With the sharp panga — glistening menacingly in the moonlight  — the thug, Simon Kang’ethe, was enthusiastic he would smile all the way back home later that night.

The night went well for Kang’ethe because by 7.30pm he was the proud owner of three pieces of stolen underwear.

Also in his possession were two bed sheets, a shirt, a pair of trousers and shoes all tucked into a bag he had grabbed from a primary school pupil, who was walking home.

But little did Kang’ethe know that the loot valued at Sh2,950 would hand him a death sentence, a verdict which was upheld by a Nairobi Court in July this year.

Details of Kang’ethe’s gory misadventure with the panga emerged during the hearing of his robbery with violence trial at the Thika Principal Magistrate Court.

The traumatised pupil from whom he stole the bag narrated to the court that he had just being dropped by a vehicle in Kihiu Mwiri, when out of the blues a panga-wielding thug struck.

“He hit me on my left shoulder then dragged me into the coffee bushes, where he demanded for money,” the pupil told the court. “I told him I was just from school and had no money, and he grabbed my bag then ordered me to walk away without looking back.”
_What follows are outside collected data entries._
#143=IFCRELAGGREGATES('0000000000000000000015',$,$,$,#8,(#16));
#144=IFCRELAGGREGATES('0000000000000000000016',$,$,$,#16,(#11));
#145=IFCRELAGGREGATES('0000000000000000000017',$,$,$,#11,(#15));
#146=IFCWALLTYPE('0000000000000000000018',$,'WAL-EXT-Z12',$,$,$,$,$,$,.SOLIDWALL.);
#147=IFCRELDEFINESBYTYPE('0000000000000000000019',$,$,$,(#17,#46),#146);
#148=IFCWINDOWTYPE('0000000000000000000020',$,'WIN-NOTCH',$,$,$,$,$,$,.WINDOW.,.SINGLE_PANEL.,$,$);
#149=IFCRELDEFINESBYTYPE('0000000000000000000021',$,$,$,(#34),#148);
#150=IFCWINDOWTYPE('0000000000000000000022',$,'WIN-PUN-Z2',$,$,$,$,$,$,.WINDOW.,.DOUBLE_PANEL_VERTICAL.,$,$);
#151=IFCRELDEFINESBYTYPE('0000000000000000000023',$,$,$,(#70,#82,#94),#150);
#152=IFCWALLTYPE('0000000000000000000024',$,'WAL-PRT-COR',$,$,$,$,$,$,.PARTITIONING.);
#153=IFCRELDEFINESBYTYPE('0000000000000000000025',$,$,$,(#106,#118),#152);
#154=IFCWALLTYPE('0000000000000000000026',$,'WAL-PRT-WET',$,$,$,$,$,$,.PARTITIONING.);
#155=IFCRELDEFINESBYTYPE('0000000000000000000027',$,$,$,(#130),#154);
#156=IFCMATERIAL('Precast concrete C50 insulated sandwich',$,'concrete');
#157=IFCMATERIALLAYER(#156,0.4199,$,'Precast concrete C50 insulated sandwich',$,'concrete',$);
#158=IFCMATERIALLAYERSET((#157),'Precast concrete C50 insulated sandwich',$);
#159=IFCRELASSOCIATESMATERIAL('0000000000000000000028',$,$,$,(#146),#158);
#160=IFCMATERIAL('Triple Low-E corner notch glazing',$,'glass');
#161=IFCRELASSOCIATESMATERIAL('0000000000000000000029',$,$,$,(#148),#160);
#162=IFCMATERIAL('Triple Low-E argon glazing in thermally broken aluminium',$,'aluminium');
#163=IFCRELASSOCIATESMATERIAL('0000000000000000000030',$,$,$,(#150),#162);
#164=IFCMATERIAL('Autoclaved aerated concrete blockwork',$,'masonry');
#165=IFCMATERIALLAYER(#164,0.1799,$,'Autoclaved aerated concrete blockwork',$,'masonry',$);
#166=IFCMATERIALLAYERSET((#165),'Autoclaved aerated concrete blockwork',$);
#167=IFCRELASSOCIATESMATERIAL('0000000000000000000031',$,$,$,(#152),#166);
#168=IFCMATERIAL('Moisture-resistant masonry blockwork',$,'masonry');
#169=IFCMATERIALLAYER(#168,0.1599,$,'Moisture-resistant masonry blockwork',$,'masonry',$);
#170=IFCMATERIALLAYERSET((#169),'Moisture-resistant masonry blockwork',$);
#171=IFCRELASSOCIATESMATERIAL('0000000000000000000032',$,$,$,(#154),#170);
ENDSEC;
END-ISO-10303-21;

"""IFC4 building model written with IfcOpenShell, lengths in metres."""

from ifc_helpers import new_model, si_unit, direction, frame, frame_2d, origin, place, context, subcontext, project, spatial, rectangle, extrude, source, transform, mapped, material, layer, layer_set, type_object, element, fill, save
Kang’ethe later left the bag in the custody of yet another primary school pupil, a cousin of his whom he gave one of the bed sheets. It was the bag and bed sheet that later gave him away to the police.

The sheet was new and bore the name of the hapless pupil from whom it had been stolen, thus when  Kang’ethe’s cousin was confronted by his parents about his new sheet he said that Kang’ethe had given it to him. Ultimately, Kang’ethe was arrested and charged in court for the offence of robbery with violence – five witnesses testified.
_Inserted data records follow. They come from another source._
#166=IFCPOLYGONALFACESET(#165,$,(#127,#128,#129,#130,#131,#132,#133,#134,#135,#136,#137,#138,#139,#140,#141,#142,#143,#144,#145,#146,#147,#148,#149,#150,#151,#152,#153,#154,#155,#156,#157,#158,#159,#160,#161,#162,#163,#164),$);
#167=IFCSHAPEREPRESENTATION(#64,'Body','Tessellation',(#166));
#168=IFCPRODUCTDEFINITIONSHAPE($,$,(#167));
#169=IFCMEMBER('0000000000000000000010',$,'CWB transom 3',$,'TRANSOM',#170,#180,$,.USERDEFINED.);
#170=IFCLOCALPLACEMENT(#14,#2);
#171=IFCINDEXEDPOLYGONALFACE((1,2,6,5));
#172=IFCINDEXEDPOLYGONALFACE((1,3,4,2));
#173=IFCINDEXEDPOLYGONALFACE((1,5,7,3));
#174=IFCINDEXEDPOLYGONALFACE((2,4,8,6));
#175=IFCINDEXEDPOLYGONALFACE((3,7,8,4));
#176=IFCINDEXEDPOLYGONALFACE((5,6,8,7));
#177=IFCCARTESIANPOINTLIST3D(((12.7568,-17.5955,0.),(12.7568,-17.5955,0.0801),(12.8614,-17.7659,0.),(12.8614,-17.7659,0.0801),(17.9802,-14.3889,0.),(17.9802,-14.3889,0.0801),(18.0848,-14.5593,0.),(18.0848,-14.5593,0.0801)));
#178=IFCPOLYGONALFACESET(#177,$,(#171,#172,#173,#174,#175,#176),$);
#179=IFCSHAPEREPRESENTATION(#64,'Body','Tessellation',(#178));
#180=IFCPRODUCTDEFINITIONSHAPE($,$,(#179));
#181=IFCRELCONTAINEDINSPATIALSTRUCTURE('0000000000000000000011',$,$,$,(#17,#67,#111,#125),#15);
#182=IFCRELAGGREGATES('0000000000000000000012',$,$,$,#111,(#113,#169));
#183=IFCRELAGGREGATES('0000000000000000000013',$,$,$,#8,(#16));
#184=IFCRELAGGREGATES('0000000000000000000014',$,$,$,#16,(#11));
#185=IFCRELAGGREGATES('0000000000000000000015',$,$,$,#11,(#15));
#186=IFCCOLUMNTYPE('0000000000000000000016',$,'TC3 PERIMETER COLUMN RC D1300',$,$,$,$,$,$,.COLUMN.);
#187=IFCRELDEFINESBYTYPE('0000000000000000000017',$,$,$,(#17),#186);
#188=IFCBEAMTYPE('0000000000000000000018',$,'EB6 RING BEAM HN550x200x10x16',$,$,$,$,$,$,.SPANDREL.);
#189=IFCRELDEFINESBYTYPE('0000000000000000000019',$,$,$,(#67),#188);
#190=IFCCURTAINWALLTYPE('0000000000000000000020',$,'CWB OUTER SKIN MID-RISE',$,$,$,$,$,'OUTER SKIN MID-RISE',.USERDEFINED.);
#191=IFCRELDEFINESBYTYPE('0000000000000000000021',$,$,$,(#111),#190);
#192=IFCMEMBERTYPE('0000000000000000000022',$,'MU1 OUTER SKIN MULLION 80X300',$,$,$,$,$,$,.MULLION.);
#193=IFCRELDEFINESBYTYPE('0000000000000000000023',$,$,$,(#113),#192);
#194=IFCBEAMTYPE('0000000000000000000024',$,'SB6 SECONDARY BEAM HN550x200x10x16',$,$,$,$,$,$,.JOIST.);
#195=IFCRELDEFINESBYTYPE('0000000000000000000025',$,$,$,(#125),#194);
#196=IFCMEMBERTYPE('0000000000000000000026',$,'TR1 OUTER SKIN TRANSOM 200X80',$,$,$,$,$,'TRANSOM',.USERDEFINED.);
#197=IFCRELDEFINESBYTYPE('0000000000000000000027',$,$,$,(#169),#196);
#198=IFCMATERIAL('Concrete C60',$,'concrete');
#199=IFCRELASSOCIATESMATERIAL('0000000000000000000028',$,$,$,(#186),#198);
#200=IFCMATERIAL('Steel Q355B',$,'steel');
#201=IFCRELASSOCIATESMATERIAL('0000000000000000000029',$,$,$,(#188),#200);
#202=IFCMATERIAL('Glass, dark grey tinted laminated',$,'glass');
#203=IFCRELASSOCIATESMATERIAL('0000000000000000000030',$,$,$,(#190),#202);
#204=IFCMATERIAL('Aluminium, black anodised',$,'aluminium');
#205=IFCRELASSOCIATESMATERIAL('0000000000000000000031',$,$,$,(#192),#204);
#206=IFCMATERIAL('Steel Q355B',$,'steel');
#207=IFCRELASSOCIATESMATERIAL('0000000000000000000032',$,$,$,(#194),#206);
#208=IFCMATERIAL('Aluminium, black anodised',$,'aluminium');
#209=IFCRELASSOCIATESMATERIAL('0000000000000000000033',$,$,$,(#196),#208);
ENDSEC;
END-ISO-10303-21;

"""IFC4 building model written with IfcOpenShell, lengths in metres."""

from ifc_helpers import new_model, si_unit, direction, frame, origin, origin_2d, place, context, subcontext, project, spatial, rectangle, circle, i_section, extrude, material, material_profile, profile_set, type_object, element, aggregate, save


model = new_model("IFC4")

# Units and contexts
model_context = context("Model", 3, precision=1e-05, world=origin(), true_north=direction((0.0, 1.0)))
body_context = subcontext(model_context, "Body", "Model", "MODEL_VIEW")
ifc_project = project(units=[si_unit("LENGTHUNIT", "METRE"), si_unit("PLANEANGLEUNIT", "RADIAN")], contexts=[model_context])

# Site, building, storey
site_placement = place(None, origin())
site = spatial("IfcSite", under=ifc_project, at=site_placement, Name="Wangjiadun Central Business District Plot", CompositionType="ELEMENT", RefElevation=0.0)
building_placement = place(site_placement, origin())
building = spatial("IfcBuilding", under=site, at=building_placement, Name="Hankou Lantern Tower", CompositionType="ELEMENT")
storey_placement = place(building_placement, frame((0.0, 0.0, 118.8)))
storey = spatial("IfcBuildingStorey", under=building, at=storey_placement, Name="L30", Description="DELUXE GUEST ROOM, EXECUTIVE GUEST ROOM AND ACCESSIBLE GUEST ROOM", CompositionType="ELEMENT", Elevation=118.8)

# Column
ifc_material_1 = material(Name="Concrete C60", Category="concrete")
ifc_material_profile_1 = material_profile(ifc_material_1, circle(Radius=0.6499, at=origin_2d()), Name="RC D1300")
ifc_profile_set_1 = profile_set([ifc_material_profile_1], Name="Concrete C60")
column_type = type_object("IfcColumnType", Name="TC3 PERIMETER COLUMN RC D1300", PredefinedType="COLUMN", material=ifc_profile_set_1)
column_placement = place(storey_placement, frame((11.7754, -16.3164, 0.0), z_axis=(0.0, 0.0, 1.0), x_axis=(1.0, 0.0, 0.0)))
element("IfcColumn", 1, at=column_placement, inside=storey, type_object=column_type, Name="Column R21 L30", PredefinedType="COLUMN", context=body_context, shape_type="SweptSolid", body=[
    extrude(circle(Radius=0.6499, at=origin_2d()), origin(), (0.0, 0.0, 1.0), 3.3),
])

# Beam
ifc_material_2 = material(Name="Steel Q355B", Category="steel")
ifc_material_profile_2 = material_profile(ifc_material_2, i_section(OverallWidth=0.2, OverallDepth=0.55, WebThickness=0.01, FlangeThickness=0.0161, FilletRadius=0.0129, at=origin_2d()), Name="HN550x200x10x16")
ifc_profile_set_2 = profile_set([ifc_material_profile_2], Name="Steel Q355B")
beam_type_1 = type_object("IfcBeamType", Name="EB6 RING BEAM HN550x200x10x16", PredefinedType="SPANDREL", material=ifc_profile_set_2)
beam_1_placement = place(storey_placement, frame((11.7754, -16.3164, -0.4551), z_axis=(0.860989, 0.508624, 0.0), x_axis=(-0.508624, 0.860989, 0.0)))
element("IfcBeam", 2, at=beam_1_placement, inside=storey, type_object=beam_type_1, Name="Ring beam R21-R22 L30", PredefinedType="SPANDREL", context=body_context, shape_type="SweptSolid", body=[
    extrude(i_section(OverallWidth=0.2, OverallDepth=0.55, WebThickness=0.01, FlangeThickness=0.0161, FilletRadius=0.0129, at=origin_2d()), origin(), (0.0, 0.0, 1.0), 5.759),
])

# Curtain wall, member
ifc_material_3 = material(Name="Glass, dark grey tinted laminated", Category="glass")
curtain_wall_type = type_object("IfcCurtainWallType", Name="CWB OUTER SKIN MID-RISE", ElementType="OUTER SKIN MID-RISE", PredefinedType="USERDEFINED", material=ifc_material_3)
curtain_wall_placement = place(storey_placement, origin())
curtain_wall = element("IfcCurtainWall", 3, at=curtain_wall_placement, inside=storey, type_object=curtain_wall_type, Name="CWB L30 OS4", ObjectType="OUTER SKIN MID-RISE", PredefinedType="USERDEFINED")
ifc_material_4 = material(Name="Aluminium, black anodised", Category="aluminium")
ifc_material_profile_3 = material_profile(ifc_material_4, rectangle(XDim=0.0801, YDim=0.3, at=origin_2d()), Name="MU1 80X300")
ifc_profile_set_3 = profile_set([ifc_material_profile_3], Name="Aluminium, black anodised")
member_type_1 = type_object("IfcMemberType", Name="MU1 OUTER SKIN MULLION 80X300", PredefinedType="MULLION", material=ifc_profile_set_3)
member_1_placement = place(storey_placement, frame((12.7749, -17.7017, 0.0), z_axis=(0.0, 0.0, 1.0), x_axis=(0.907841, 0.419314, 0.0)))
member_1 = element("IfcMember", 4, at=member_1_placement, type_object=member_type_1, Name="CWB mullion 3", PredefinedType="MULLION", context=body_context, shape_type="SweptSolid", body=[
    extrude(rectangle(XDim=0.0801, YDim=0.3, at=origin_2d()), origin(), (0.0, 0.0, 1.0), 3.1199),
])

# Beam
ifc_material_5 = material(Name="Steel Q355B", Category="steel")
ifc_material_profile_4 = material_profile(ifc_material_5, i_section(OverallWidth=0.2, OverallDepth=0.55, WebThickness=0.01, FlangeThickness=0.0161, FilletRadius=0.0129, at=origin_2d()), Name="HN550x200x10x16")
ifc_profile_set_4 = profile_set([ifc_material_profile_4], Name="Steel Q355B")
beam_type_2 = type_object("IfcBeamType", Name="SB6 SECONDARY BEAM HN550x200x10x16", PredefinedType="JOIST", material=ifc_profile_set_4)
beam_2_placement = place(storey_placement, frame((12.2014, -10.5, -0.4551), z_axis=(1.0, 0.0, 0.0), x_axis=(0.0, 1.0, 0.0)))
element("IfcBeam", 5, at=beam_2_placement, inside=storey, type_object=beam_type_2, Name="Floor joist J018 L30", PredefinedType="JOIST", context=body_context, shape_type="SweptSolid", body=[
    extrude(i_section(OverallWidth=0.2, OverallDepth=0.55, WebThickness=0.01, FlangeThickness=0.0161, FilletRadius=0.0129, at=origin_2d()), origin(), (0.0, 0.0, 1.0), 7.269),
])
At the close of the trial, Principal Magistrate L W Gicheha, sentenced the suspect to death.

This marked the official commencement of Kang’ethe’s fight to prove his innocence, which saw him move to the Nairobi High Court — where justices Jackton Ojwang and George Dulu upheld the death sentence two years later.

Unbowed, Kang’ethe moved to the Court of Appeal in Nairobi, where he argued that the prosecution evidence leading to his conviction had gaps that warranted his acquittal.

He argued that the said robbery incident happened in coffee bushes – where it was literally impossible for the complainant to identify who attacked him, as it was at night.

Kang’ethe further claimed that the intensity of the moonlight during the incident was never interrogated.

But the appellate judges ruled that Kang’ethe had  been properly identified adding: “We find that there is no other reasonable explanation for the possession except that the appellant stole the bed sheets in the course of robbing the complainant. The doctrine of recent possession was clearly applicable and the courts below correctly applied the same.”

Kang’ethe is now cooling his heels in prison awaiting the hangman.